In today's attempts to electrify everything, a prototyping problem arises. What works as a laboratory model does not work in reality. Harnessing and storing energy safely across the grid and in vehicles, trucksAnd aircraft is a very complex problem that sometimes simplified models cannot solve.
“IN electrificationat its core it is a combination of electromagnetic effects, heat transferand structural mechanics in complex interaction,” says Bjorn SjödinSenior Vice President of Product Management at a Stockholm-based software company. KOMSOL.
KOMSOL is an engineering research and development software company that strives to model not just one phenomenon (such as the electromagnetic behavior of a circuit), but rather All the relevant physics that needs to be modeled to develop new technologies under real-world operating conditions.
Engineers and developers gathered in Burlington, Massachusetts from October 8 to 10 for the COMSOL conference. annual Boston conferencewhere they discussed engineering modeling using multiple simultaneous physics packages.

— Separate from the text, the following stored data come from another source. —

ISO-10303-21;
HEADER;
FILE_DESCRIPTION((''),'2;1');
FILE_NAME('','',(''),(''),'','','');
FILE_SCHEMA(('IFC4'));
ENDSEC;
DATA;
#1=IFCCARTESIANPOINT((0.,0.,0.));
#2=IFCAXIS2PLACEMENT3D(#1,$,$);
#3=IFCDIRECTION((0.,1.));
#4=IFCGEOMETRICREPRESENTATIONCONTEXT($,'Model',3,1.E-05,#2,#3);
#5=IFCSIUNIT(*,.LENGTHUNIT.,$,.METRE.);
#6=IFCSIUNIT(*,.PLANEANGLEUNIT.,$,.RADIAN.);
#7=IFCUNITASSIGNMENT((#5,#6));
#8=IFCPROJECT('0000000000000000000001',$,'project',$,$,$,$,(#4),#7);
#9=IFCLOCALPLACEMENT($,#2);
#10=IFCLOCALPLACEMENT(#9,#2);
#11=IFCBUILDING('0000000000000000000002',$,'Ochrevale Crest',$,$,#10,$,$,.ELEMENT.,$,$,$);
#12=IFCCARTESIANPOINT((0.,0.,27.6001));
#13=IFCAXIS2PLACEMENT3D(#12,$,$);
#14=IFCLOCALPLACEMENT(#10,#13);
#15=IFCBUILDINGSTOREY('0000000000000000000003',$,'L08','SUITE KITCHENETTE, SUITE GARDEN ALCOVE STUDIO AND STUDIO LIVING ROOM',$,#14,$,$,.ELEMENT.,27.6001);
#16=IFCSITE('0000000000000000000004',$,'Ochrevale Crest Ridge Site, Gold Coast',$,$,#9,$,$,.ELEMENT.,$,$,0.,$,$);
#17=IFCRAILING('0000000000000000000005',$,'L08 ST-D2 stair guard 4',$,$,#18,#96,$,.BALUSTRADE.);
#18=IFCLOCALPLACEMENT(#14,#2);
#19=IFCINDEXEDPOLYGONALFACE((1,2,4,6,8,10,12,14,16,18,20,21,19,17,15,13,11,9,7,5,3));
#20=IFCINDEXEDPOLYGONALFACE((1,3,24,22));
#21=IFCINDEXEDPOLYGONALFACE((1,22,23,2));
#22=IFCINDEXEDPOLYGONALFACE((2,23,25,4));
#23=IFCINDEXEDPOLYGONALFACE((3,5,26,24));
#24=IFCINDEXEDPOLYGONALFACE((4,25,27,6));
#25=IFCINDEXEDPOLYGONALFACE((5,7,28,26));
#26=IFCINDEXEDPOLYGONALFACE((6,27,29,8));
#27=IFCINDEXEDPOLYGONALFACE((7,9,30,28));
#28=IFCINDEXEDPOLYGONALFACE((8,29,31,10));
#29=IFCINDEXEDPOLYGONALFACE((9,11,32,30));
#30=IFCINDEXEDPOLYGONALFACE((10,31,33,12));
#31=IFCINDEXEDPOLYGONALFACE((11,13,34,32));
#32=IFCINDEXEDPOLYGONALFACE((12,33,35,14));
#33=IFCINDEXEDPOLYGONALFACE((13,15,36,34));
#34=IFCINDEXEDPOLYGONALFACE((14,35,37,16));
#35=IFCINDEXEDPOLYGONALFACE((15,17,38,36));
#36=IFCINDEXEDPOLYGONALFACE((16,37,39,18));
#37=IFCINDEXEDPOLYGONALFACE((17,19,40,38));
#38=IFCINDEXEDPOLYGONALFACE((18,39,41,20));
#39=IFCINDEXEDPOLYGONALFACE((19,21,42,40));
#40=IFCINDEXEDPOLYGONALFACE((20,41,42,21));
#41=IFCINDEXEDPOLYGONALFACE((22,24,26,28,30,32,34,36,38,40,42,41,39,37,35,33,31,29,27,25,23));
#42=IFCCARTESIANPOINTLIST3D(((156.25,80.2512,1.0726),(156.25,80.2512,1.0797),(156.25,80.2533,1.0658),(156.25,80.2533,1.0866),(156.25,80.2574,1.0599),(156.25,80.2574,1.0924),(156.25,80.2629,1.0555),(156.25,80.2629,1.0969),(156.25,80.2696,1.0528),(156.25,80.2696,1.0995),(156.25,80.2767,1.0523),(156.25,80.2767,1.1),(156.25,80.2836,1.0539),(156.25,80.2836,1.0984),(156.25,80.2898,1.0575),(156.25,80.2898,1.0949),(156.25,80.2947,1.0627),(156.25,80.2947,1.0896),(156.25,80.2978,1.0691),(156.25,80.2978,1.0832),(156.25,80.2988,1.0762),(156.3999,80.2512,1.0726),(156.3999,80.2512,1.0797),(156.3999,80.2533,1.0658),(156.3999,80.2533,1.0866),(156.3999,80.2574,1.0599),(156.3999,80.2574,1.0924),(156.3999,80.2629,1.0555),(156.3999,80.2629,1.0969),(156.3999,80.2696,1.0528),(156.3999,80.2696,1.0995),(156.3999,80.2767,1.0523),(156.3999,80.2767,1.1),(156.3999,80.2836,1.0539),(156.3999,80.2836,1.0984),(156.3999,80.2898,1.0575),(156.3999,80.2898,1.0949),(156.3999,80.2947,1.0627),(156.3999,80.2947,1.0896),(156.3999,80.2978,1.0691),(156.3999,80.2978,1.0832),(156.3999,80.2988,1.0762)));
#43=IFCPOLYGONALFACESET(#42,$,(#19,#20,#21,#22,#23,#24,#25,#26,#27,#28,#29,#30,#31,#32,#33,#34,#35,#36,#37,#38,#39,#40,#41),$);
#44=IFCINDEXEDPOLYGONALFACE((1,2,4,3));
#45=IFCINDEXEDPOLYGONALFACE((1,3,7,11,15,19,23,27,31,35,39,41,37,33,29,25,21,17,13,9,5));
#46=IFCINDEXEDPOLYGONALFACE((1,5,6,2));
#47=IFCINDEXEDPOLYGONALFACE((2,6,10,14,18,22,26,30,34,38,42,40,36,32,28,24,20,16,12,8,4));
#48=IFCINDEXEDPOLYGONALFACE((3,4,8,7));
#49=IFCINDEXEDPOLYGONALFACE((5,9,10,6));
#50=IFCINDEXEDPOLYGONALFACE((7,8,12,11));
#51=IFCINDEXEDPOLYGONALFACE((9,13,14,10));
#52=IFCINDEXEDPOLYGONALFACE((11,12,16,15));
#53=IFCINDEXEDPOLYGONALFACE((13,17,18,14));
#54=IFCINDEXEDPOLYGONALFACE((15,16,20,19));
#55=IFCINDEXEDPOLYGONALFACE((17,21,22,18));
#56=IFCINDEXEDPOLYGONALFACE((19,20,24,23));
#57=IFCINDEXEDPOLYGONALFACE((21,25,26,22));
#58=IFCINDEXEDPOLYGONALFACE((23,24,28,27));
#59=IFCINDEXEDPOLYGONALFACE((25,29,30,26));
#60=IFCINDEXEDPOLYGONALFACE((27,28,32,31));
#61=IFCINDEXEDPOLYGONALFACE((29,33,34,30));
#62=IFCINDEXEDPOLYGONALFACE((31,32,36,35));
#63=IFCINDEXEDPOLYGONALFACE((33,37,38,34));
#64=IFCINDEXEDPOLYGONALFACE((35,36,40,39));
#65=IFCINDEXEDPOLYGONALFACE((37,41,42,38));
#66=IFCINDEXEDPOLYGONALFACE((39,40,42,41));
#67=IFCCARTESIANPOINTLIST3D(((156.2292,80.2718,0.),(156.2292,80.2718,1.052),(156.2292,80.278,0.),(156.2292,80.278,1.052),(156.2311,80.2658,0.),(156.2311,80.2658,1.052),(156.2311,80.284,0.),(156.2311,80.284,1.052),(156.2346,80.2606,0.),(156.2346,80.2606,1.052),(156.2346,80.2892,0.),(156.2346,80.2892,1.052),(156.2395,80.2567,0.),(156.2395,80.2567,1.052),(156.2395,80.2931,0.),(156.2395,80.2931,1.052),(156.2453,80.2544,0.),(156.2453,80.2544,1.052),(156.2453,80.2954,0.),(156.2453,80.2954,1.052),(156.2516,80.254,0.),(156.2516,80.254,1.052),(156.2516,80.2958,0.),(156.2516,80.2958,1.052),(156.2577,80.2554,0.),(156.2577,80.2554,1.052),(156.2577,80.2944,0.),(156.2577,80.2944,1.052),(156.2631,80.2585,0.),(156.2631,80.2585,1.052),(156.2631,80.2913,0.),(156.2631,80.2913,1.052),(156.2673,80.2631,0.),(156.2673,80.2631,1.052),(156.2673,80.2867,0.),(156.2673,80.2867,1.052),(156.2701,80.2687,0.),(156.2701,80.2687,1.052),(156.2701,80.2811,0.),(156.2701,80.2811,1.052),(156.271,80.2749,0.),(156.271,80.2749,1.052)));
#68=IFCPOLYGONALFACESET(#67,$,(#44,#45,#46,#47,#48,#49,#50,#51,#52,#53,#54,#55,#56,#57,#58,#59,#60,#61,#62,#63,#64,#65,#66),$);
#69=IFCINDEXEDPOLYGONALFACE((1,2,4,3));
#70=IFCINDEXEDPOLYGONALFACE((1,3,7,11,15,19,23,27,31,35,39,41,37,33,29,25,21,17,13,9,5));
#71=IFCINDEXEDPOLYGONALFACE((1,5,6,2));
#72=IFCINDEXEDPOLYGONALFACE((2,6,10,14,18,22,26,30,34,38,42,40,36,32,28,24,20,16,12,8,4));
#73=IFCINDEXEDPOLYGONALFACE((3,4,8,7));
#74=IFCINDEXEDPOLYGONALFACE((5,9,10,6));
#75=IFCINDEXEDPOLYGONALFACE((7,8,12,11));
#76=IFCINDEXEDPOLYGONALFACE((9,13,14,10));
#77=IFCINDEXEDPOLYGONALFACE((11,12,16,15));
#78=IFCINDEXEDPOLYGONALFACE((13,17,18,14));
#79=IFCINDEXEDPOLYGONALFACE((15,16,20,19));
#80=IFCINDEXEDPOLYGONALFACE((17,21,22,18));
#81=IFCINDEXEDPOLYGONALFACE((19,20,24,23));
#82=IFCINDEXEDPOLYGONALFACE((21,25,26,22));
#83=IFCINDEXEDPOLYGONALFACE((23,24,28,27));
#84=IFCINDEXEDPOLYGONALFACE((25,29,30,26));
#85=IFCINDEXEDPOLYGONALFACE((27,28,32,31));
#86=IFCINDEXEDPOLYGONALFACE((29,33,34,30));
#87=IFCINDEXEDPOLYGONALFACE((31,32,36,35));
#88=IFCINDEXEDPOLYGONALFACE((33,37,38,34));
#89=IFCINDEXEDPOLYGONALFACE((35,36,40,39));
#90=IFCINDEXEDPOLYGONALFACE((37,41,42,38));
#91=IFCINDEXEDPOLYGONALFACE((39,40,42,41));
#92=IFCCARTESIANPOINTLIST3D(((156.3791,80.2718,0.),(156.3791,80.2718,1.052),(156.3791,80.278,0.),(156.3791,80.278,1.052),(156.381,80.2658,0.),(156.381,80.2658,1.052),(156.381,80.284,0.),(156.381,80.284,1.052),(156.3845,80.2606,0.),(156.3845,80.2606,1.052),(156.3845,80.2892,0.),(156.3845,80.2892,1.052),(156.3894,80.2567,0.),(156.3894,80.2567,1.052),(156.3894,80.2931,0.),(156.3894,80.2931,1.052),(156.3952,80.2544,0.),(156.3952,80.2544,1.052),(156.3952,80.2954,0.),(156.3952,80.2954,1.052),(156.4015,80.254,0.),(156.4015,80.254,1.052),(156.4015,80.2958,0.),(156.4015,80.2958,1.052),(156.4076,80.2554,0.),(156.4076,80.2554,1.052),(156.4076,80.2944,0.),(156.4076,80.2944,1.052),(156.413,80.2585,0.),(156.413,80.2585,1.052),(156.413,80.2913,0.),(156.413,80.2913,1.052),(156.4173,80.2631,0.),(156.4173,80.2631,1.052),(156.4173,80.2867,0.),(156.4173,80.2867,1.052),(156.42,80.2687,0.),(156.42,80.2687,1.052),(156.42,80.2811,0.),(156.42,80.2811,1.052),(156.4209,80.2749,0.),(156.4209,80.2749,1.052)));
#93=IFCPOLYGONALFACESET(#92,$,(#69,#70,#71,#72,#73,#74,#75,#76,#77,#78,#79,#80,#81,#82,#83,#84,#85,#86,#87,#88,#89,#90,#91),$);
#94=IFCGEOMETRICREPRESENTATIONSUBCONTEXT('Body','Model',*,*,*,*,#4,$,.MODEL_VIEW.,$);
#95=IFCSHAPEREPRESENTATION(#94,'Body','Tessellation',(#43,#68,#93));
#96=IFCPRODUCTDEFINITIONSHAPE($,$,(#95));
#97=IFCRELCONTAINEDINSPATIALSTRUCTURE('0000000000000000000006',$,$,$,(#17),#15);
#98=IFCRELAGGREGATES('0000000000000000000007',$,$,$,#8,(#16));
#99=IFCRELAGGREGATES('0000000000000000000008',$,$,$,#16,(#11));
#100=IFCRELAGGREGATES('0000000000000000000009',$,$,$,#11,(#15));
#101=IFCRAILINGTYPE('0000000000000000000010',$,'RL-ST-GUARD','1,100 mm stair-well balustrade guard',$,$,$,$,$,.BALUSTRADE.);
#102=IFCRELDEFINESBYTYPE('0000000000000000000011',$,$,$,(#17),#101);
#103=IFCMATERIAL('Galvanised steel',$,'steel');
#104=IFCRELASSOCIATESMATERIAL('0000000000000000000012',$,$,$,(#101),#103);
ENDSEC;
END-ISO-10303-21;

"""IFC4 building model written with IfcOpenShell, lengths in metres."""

from ifc_helpers import new_model, si_unit, direction, frame, origin, origin_2d, place, context, subcontext, project, spatial, circle, extrude, material, type_object, element, save


model = new_model("IFC4")

# Units and contexts
model_context = context("Model", 3, precision=1e-05, world=origin(), true_north=direction((0.0, 1.0)))
body_context = subcontext(model_context, "Body", "Model", "MODEL_VIEW")
ifc_project = project(units=[si_unit("LENGTHUNIT", "METRE"), si_unit("PLANEANGLEUNIT", "RADIAN")], contexts=[model_context])

# Site, building, storey
site_placement = place(None, origin())
site = spatial("IfcSite", under=ifc_project, at=site_placement, Name="Ochrevale Crest Ridge Site, Gold Coast", CompositionType="ELEMENT", RefElevation=0.0)
building_placement = place(site_placement, origin())
building = spatial("IfcBuilding", under=site, at=building_placement, Name="Ochrevale Crest", CompositionType="ELEMENT")
storey_placement = place(building_placement, frame((0.0, 0.0, 27.6001)))
storey = spatial("IfcBuildingStorey", under=building, at=storey_placement, Name="L08", Description="SUITE KITCHENETTE, SUITE GARDEN ALCOVE STUDIO AND STUDIO LIVING ROOM", CompositionType="ELEMENT", Elevation=27.6001)

# Railing
ifc_material_1 = material(Name="Galvanised steel", Category="steel")
railing_type = type_object("IfcRailingType", Name="RL-ST-GUARD", Description="1,100 mm stair-well balustrade guard", PredefinedType="BALUSTRADE", material=ifc_material_1)
railing_1_placement = place(storey_placement, frame((156.25, 80.2749, 0.0)))
element("IfcRailing", 1, at=railing_1_placement, inside=storey, type_object=railing_type, Name="L08 ST-D2 stair guard 4", PredefinedType="BALUSTRADE", context=body_context, shape_type="SweptSolid", body=[
    extrude(circle(Radius=0.0239, at=origin_2d()), frame((0.0, 0.0, 1.0762), z_axis=(1.0, 0.0, 0.0), x_axis=(0.0, 1.0, 0.0)), (0.0, 0.0, 1.0), 0.1499),
    extrude(circle(Radius=0.021, at=origin_2d()), origin(), (0.0, 0.0, 1.0), 1.052),
    extrude(circle(Radius=0.021, at=origin_2d()), frame((0.1499, 0.0, 0.0)), (0.0, 0.0, 1.0), 1.052),
])

save(model, "model.ifc")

AND multiphysics modelingas the emerging field is called, has become a component of electrification research and development that is becoming more than just a nice-to-have.
“Sometimes I think some people still look at modeling as a fancy research job,” says Nilufar Kamyaabchemical engineer and application manager at COMSOL. “Because they see it as a replacement for experimentation. But no, experiments still need to be done, although experiments can be done in a more streamlined and efficient way.”
Maybe Multiphysics Large-scale electrification?
Multiphysics, says Kamyab, can sometimes be only half the story.
“I think when it comes to batteriesthere's another appeal of simulation, she says.scale— how batteries can be studied in different scales. You can get in-depth analyzes that, if not very complex, I would say are impossible to do experimentally.”
This is partly due to the fact that batteries exhibit complex behavior (and uncontrolled reactions) at the cell level, but also in unpredictable new ways at the battery level.
“For most people who model batteries, thermal management is one of their main concerns,” says Kamyab. “You run this simulation so you know how to avoid it. You recreate the faulty cell.” She adds that multiphysics modeling from thermal escape allows battery designers to safely test how each design performs even under the most extreme conditions to prevent any battery problems or fires before they can occur.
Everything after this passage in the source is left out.